Which is why the gagging of comedians, or mystics, or therapists, is never just about controlling a few voices. It is about keeping the rest of us from waking up. When the jesters are silenced, the whole kingdom dozes off. And history has never been kind to kingdoms that sleep through their alarms. The silence may begin with a late-night monologue cut short, but it ends with an entire people forgetting how to laugh, how to grieve, and how to tell the truth out loud. This is how kingdoms, nations, and our communities die: silence.
So maybe the first rebellion is as small as it is holy: to laugh when the world wants us hushed, to speak when silence feels safer, to resist the sleep history keeps warning us about. Because the question isn’t only whether comedians will be silenced. It’s whether we will. Each of us carries a little stage, a little microphone.

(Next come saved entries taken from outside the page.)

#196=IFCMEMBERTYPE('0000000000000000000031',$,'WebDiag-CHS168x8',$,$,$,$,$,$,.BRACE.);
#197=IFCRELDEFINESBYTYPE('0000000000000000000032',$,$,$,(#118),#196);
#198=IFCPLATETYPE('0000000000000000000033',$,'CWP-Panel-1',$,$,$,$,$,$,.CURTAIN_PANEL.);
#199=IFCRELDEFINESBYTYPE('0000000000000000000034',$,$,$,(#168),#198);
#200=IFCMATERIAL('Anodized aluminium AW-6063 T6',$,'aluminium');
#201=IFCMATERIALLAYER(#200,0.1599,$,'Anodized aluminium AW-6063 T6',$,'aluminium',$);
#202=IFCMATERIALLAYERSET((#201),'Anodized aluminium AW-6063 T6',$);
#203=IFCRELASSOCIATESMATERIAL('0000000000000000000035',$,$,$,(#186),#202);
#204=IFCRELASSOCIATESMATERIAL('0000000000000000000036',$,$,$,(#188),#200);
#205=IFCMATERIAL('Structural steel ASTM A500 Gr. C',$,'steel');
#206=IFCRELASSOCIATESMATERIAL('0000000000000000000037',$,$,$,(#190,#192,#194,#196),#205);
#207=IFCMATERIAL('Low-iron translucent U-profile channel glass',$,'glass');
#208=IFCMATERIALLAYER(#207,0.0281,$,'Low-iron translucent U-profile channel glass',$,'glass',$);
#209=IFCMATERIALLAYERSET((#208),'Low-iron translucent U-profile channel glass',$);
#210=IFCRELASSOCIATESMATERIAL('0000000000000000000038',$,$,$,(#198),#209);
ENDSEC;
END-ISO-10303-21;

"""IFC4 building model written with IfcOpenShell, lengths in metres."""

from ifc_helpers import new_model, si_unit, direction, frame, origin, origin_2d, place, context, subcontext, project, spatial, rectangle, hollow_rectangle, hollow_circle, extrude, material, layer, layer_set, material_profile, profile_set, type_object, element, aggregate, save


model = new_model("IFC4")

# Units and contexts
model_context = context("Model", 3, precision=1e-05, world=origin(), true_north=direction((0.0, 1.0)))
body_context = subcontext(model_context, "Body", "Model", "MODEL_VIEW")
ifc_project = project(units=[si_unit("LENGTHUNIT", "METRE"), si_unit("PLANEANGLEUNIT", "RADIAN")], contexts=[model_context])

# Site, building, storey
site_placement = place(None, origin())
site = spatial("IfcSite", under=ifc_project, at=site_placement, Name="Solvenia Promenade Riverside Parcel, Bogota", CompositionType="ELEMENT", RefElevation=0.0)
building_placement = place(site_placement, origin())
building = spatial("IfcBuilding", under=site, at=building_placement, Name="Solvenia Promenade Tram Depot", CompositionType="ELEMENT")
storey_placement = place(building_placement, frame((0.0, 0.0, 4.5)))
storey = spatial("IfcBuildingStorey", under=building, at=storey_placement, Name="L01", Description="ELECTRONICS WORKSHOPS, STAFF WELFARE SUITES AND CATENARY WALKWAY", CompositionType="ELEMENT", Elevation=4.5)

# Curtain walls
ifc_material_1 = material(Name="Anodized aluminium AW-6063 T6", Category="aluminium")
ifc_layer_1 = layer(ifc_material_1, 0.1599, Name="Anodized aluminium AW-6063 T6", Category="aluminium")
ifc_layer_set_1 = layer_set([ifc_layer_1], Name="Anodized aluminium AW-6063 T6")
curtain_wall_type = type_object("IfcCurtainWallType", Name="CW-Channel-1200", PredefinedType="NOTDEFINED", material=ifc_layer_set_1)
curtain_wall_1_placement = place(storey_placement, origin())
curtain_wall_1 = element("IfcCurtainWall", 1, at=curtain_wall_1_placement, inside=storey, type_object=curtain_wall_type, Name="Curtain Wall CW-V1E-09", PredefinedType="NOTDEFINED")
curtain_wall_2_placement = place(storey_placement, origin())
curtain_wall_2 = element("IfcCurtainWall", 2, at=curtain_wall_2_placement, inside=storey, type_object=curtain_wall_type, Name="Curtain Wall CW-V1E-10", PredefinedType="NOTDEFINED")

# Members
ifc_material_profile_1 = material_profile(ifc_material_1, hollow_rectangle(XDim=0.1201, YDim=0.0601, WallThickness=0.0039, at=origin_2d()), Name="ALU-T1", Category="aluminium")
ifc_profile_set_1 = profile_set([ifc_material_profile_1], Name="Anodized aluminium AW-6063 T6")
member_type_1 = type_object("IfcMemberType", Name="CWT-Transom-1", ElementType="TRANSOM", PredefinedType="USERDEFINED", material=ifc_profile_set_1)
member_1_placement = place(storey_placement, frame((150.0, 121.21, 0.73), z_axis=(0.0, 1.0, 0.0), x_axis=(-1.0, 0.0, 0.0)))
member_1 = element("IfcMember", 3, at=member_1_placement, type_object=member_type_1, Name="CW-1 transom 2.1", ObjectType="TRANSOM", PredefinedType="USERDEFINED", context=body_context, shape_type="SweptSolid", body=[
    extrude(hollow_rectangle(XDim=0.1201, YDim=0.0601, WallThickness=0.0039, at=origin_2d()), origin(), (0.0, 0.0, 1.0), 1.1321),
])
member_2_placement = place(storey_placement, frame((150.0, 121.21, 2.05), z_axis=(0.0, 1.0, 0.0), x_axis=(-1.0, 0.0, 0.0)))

Maybe not with hot lights and a crowd, maybe just at the dinner table, in a boardroom, or on a walk with a friend. The call is the same: don’t let that stage go quiet. Listen for the prophets in our midst—especially the ones who arrive with punchlines—and let their courage summon our own. Laugh. Lament. Tell the truth. Wake somebody up.
And so, may we not be silent.
May we have the courage to listen when voices rise with laughter and lament.
May we laugh when laughter feels dangerous.
May we grieve when grief feels inconvenient.
May we tell the truth, even when it trembles in our throats.
And may we find the courage to speak now, before someone decides our words are too dangerous to be spoken.
I went back and re-watched Dave Chappelle’s 8:46 while writing this, and it still reverberates with the same raw power it carried the first time I saw it. It’s free on youtube. Viewer discretion advised.